The mystic wonder of the severed head of St. Nicaise has been repeated. Immolated Rheims has stirred anew the latent crusading blood. “Honor” and “sacrifice” and all the brave words of the days of chivalry are again on the lips of Frenchmen, and many a scoffer has been beaten to his knees by the same spirit which actuated the generations who built the cathedrals and, building them, welded a nation’s unity. Those who committed the sacrilege of Rheims forgot that when mankind is robbed of a heritage it sets the criminal in the pillory of history. To-day Rheims Cathedral lies wounded on the field of honor; Rheims Cathedral is forever the symbol of a people’s resurrection. À la peine!... À l’honneur!
AMIENS CATHEDRAL[122]
There have been, in humanity’s story, only two great schools of art—that of Greece, and that of the Gothic era. For only then was expressed the ideas and the religious spirit of the peoples that gave birth to them. The Greeks rendered the Pagan spirit, the Pagan emotion; they left us the Parthenon. The Gothic School rendered the Christian idea, the Christian spirit. It has left us Notre Dame of Amiens.—Émile Lambin.[123]
The terrors and the thunder of the World War menaced Amiens through the long four years, but the grand doctrinal temple, almost superhuman in its majesty, was spared the fate of Rheims, Soissons, and the noble church of St. Martin at Ipres, begun in the same twelvemonth as itself. The statues at the portals of Amiens have seen pass the great personages of the mediæval centuries. The kings of this world felt honored to visit the church of Our Lady and St. Firman. Its reconciliation Mass put the seal on a treaty of goodwill between France and England, and united the English ruler with his rebellious people; St. Louis, the peace maker, prayed in its sanctuary. On its very enemies it imposed veneration.
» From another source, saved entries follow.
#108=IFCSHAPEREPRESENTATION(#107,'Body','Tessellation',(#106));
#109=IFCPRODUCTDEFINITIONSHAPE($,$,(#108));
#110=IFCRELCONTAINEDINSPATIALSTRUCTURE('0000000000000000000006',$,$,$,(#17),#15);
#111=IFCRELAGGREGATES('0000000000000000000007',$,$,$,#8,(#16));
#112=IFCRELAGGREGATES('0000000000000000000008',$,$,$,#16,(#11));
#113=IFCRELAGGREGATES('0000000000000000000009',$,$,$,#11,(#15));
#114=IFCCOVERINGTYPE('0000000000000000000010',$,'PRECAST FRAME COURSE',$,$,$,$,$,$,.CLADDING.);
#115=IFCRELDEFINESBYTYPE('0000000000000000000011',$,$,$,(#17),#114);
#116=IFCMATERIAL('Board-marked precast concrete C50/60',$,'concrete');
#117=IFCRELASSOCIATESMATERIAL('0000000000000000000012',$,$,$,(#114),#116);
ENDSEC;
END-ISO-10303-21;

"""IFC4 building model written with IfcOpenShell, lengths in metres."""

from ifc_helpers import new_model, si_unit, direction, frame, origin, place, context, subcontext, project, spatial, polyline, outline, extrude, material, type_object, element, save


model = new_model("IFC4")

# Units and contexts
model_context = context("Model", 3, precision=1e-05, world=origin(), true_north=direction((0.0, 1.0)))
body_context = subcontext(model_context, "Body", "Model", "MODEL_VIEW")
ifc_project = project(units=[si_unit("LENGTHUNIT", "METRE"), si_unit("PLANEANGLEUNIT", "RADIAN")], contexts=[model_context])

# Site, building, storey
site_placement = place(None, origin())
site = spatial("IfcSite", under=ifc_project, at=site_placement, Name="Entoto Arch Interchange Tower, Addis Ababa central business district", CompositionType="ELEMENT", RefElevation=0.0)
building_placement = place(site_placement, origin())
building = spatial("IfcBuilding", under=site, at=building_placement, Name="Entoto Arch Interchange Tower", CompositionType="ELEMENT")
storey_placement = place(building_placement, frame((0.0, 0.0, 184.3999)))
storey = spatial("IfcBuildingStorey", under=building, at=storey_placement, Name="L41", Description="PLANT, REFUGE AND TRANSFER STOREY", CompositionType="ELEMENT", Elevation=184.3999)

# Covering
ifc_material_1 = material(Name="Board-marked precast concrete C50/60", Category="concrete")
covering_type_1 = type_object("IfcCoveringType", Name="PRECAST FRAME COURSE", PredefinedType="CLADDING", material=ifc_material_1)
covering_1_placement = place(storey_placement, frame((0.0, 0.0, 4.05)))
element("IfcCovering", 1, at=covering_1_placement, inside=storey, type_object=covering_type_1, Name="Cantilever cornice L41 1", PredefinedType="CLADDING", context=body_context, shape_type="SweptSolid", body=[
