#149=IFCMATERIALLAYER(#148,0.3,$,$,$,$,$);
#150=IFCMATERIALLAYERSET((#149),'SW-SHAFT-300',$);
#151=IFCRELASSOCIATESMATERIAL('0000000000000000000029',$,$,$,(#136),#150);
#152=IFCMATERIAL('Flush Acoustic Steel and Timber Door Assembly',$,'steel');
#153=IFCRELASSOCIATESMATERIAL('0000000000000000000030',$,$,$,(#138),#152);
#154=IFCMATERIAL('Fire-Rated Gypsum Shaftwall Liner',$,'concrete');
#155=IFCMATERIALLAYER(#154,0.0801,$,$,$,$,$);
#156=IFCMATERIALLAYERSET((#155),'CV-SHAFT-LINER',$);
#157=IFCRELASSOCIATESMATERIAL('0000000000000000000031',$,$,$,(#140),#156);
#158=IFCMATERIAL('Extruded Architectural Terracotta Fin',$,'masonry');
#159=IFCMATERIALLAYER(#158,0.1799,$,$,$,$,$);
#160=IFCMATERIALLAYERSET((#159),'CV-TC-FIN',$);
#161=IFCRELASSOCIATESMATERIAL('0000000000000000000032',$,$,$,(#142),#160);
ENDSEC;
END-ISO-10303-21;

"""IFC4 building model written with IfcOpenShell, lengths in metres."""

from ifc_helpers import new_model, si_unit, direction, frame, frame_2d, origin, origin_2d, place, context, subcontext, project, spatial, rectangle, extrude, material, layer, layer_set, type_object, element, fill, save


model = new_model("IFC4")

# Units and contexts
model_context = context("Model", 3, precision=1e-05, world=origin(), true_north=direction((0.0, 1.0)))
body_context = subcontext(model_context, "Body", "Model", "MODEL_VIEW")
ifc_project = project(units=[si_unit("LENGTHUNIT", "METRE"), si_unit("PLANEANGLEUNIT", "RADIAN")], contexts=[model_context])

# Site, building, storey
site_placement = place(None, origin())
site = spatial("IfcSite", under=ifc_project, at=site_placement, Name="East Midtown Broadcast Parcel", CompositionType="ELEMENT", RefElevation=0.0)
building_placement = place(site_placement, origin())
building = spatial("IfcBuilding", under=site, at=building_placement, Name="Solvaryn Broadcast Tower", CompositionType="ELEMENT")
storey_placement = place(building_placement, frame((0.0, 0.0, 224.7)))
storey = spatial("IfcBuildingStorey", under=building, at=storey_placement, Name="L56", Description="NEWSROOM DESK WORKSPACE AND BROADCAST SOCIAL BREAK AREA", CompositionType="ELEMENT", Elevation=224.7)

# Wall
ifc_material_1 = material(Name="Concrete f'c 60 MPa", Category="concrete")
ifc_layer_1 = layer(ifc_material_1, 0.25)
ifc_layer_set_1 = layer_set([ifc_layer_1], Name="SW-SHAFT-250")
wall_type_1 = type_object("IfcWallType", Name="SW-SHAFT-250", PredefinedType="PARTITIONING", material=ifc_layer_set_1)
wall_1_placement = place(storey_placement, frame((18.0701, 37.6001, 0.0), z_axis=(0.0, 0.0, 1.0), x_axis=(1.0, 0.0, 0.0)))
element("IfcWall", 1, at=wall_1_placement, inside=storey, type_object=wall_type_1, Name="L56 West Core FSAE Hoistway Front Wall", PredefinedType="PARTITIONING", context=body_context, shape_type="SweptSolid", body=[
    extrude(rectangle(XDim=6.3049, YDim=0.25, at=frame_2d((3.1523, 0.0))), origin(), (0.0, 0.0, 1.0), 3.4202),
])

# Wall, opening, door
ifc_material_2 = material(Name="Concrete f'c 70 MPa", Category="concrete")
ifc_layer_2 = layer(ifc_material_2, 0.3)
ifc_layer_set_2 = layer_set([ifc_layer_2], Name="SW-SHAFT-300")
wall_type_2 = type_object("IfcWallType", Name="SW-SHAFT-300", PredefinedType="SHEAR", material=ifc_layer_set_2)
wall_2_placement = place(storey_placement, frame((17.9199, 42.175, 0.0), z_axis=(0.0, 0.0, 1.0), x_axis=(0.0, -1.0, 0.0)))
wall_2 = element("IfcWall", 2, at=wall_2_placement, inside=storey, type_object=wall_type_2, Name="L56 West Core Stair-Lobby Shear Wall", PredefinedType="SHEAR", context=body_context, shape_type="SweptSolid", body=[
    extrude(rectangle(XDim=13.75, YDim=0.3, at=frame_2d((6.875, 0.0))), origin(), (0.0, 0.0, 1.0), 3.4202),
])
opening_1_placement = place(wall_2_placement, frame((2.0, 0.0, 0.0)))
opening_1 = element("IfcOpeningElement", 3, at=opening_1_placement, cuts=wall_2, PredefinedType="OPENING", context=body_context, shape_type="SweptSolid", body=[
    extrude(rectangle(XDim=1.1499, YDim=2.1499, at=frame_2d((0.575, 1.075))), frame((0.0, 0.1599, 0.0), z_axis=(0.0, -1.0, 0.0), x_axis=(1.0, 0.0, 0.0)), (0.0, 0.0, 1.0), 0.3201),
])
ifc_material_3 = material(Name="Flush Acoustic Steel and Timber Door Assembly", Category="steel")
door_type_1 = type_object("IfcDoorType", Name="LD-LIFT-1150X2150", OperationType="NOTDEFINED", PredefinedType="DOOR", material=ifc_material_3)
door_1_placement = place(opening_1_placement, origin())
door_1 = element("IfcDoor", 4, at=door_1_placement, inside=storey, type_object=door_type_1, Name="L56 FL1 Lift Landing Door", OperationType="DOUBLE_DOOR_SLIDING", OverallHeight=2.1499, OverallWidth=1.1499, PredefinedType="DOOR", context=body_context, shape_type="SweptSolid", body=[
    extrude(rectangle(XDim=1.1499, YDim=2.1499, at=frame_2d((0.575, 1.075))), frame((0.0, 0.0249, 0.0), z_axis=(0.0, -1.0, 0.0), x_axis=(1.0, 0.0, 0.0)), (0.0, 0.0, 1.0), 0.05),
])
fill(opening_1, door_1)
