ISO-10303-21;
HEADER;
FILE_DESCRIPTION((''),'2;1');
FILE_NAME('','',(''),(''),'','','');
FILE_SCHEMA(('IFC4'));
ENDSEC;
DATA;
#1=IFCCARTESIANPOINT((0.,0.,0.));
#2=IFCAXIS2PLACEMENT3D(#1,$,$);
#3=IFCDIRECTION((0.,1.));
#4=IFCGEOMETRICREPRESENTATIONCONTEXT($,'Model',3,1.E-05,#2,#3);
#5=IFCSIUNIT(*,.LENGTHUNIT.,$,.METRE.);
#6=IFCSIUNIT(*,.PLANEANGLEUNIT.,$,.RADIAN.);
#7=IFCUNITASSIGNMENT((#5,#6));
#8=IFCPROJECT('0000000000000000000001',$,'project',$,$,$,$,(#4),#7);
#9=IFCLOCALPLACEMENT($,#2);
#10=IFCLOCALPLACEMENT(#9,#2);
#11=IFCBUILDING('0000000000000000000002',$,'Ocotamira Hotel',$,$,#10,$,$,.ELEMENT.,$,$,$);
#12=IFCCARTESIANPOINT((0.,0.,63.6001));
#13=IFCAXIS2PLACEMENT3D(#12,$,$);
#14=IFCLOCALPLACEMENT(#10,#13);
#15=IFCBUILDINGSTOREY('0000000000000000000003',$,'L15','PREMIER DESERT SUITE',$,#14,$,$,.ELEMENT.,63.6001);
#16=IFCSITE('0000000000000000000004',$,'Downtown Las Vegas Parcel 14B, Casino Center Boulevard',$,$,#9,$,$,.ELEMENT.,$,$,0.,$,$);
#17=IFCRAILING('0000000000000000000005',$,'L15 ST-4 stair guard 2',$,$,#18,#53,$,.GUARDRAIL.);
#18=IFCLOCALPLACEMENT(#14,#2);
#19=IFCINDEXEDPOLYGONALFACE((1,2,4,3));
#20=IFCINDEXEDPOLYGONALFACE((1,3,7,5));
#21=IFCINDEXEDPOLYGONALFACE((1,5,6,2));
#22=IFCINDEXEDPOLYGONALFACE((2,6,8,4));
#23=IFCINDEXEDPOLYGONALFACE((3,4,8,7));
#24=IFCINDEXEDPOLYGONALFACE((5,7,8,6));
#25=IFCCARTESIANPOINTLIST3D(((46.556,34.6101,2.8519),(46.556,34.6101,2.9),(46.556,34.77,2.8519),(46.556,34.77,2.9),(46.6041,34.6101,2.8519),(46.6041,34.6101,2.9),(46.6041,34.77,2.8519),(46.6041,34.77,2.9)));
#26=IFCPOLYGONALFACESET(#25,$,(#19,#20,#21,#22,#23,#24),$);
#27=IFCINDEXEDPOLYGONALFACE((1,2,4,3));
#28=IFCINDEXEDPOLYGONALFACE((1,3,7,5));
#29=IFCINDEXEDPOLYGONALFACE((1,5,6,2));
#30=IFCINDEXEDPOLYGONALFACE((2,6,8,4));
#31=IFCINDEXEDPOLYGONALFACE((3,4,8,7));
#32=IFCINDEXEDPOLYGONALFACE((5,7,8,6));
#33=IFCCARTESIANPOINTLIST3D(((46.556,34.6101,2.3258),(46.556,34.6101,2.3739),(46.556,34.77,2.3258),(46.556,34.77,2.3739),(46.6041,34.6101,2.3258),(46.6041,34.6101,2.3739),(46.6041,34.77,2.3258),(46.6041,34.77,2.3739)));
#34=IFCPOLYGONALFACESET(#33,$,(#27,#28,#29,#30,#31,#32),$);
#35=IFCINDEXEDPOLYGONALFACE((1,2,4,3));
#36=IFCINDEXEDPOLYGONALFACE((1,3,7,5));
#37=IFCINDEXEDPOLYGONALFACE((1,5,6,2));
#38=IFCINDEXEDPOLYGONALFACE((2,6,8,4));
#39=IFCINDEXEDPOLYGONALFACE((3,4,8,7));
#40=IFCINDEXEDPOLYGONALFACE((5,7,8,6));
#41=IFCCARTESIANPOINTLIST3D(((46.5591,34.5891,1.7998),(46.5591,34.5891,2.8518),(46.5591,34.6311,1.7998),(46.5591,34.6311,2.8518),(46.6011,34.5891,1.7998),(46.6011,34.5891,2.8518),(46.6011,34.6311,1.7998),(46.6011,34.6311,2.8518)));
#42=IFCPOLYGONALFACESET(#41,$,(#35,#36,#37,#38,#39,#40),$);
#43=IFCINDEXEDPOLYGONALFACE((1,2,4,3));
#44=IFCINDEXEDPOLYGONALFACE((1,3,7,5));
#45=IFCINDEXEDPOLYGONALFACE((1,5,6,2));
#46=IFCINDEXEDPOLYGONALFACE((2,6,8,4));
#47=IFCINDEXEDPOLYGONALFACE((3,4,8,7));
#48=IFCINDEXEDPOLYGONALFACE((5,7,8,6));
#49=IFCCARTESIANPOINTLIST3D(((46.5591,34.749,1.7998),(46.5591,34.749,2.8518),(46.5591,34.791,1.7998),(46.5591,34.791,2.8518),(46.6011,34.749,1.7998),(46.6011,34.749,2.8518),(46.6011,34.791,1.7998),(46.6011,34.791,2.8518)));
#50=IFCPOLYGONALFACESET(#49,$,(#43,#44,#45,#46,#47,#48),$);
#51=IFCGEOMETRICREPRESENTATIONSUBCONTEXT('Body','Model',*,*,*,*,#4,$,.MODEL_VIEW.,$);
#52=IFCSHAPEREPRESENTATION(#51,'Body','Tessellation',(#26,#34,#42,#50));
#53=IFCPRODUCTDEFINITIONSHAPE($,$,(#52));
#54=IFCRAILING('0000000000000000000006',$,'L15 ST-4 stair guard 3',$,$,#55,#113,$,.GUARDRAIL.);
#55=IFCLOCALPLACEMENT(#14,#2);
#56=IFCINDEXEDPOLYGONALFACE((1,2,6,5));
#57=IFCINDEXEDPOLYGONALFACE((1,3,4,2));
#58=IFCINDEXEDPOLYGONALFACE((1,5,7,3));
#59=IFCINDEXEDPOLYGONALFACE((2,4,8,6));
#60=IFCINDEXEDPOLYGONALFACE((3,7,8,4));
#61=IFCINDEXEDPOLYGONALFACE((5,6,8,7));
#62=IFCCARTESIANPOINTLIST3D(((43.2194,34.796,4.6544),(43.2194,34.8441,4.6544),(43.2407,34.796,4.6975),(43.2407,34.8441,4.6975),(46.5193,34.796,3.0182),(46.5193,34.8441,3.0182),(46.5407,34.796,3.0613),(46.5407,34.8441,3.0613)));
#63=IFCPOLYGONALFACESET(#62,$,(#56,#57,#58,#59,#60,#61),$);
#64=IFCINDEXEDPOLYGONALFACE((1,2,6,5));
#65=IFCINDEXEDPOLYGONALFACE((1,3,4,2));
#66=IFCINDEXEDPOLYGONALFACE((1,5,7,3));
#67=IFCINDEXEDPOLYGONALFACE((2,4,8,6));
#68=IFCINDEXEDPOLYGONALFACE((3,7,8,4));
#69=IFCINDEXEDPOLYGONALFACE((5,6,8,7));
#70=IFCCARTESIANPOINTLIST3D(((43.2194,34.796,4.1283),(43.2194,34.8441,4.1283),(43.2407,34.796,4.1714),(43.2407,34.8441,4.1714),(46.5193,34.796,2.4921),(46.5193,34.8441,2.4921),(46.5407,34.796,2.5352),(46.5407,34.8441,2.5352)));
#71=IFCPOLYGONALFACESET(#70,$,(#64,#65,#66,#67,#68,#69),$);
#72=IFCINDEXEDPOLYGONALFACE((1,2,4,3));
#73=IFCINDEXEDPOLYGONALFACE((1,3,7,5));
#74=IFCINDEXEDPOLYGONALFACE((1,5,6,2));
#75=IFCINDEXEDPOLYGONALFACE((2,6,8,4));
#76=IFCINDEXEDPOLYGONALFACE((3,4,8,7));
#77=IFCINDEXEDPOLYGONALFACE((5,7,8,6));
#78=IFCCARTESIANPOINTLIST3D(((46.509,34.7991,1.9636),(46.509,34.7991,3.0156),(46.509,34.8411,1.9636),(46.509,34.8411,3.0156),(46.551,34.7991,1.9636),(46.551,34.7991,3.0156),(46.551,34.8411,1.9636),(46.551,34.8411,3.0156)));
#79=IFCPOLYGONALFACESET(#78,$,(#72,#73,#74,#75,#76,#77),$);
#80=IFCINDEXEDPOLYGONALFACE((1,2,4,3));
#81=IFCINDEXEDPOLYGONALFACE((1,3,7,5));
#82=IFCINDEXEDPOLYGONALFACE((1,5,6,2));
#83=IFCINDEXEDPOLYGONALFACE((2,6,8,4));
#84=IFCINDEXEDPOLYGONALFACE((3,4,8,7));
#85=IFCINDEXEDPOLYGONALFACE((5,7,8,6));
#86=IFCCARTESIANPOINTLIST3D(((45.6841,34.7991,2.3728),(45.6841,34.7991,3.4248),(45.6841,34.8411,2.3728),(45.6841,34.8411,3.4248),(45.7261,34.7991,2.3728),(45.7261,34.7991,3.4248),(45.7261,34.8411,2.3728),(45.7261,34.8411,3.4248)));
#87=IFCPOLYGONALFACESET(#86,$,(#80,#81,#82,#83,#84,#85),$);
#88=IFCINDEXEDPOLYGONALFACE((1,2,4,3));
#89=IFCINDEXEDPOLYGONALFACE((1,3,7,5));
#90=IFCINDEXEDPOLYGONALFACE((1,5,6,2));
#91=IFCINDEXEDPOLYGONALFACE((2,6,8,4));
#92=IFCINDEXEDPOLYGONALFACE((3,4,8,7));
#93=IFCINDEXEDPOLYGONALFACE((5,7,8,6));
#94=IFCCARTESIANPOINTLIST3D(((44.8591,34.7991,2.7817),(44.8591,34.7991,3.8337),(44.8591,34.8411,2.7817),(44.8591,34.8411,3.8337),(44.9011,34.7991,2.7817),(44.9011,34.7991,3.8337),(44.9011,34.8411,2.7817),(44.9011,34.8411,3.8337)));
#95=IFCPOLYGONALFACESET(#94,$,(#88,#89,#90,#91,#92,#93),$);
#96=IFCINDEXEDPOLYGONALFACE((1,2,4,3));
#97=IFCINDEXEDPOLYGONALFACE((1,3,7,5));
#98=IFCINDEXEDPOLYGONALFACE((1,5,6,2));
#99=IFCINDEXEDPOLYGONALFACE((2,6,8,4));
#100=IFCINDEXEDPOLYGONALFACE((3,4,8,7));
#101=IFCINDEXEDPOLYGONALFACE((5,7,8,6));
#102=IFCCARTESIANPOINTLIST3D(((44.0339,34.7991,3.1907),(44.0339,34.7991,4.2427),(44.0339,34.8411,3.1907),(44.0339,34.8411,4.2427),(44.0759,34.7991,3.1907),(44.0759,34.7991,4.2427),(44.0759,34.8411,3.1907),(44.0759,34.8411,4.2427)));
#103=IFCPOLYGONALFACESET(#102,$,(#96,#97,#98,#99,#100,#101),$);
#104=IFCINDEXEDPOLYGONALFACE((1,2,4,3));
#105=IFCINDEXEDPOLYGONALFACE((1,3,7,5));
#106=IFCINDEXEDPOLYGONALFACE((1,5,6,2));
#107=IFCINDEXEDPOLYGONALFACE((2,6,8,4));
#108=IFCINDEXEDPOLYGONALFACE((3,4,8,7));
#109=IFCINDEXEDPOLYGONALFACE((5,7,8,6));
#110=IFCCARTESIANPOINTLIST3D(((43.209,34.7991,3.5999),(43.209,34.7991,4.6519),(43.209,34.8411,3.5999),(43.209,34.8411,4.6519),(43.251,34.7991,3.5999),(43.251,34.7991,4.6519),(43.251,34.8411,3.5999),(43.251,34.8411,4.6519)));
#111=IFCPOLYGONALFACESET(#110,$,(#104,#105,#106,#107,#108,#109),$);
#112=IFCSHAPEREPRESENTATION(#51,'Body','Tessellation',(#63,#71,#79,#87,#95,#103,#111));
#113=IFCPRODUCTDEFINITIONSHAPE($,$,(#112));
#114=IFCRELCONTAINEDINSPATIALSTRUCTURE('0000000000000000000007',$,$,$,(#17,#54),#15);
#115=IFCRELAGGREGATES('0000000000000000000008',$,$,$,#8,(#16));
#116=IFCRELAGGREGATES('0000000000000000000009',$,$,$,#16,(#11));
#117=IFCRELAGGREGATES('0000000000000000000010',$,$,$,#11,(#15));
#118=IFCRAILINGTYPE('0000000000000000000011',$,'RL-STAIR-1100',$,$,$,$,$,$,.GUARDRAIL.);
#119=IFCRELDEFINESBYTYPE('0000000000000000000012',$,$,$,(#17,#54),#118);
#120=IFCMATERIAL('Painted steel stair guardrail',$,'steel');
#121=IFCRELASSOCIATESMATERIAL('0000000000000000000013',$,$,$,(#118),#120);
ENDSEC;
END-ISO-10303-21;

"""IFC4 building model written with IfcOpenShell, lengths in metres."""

from ifc_helpers import new_model, si_unit, direction, frame, origin, origin_2d, place, context, subcontext, project, spatial, rectangle, extrude, material, type_object, element, save


model = new_model("IFC4")

# Units and contexts
model_context = context("Model", 3, precision=1e-05, world=origin(), true_north=direction((0.0, 1.0)))
body_context = subcontext(model_context, "Body", "Model", "MODEL_VIEW")
ifc_project = project(units=[si_unit("LENGTHUNIT", "METRE"), si_unit("PLANEANGLEUNIT", "RADIAN")], contexts=[model_context])

# Site, building, storey
site_placement = place(None, origin())
site = spatial("IfcSite", under=ifc_project, at=site_placement, Name="Downtown Las Vegas Parcel 14B, Casino Center Boulevard", CompositionType="ELEMENT", RefElevation=0.0)
building_placement = place(site_placement, origin())
building = spatial("IfcBuilding", under=site, at=building_placement, Name="Ocotamira Hotel", CompositionType="ELEMENT")
storey_placement = place(building_placement, frame((0.0, 0.0, 63.6001)))
storey = spatial("IfcBuildingStorey", under=building, at=storey_placement, Name="L15", Description="PREMIER DESERT SUITE", CompositionType="ELEMENT", Elevation=63.6001)

# Railings
ifc_material_1 = material(Name="Painted steel stair guardrail", Category="steel")
railing_type_1 = type_object("IfcRailingType", Name="RL-STAIR-1100", PredefinedType="GUARDRAIL", material=ifc_material_1)
railing_1_placement = place(storey_placement, frame((46.5801, 34.6101, 1.7998)))
element("IfcRailing", 1, at=railing_1_placement, inside=storey, type_object=railing_type_1, Name="L15 ST-4 stair guard 2", PredefinedType="GUARDRAIL", context=body_context, shape_type="SweptSolid", body=[
    extrude(rectangle(XDim=0.0481, YDim=0.0481, at=origin_2d()), frame((0.0, 0.0, 1.0762), z_axis=(0.0, 1.0, 0.0), x_axis=(-1.0, 0.0, 0.0)), (0.0, 0.0, 1.0), 0.1599),
    extrude(rectangle(XDim=0.0481, YDim=0.0481, at=origin_2d()), frame((0.0, 0.0, 0.55), z_axis=(0.0, 1.0, 0.0), x_axis=(-1.0, 0.0, 0.0)), (0.0, 0.0, 1.0), 0.1599),
    extrude(rectangle(XDim=0.042, YDim=0.042, at=origin_2d()), origin(), (0.0, 0.0, 1.0), 1.052),
    extrude(rectangle(XDim=0.042, YDim=0.042, at=origin_2d()), frame((0.0, 0.1599, 0.0)), (0.0, 0.0, 1.0), 1.052),
])
railing_2_placement = place(storey_placement, frame((46.53, 34.8201, 1.9636)))
element("IfcRailing", 2, at=railing_2_placement, inside=storey, type_object=railing_type_1, Name="L15 ST-4 stair guard 3", PredefinedType="GUARDRAIL", context=body_context, shape_type="SweptSolid", body=[
    extrude(rectangle(XDim=0.0481, YDim=0.0481, at=origin_2d()), frame((0.0, 0.0, 1.0762), z_axis=(-0.89592, 0.0, 0.444215), x_axis=(0.0, -1.0, 0.0)), (0.0, 0.0, 1.0), 3.6833),
    extrude(rectangle(XDim=0.0481, YDim=0.0481, at=origin_2d()), frame((0.0, 0.0, 0.55), z_axis=(-0.89592, 0.0, 0.444215), x_axis=(0.0, -1.0, 0.0)), (0.0, 0.0, 1.0), 3.6833),
    extrude(rectangle(XDim=0.042, YDim=0.042, at=origin_2d()), origin(), (0.0, 0.0, 1.0), 1.052),
    extrude(rectangle(XDim=0.042, YDim=0.042, at=origin_2d()), frame((-0.825, 0.0, 0.4092)), (0.0, 0.0, 1.0), 1.052),
    extrude(rectangle(XDim=0.042, YDim=0.042, at=origin_2d()), frame((-1.6499, 0.0, 0.8181)), (0.0, 0.0, 1.0), 1.052),
    extrude(rectangle(XDim=0.042, YDim=0.042, at=origin_2d()), frame((-2.4751, 0.0, 1.2271)), (0.0, 0.0, 1.0), 1.052),
    extrude(rectangle(XDim=0.042, YDim=0.042, at=origin_2d()), frame((-3.3, 0.0, 1.6362)), (0.0, 0.0, 1.0), 1.052),
])

save(model, "model.ifc")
When Charles le Téméraire attacked the city in 1471 he ordered his troops to respect the cathedral.
While the upper vaulting of Chartres was being finished and the choir of Rheims was building, there was laid the first stone of Notre Dame of Amiens in 1220. Amiens is the Gothic cathedral par excellence, recognized from the first as a masterpiece—the Parthenon of Gothic—and immediately taken as a model. The cathedrals of Tours and of Troyes, already begun, were now continued like the big church of Picardy. The Sainte-Chapelle in Paris was modeled on the Lady chapel of Amiens. The cathedrals of Clermont, Narbonne, Rodez, and Limoges are “daughters of Amiens.” Its influence extended to the church of St. Sauveur at Bruges, to the cathedral of Prague, and to the choir of Cologne, the latter being almost a replica.[124]
Amiens carried the Gothic principle of equilibrium farther than Rheims. The aisles were made higher, the bays wider, the points of ground support fewer, and the piers less heavy. No energy was wasted. Each part was made just strong enough. To go beyond this culminating point of constructive boldness was inevitably to decline.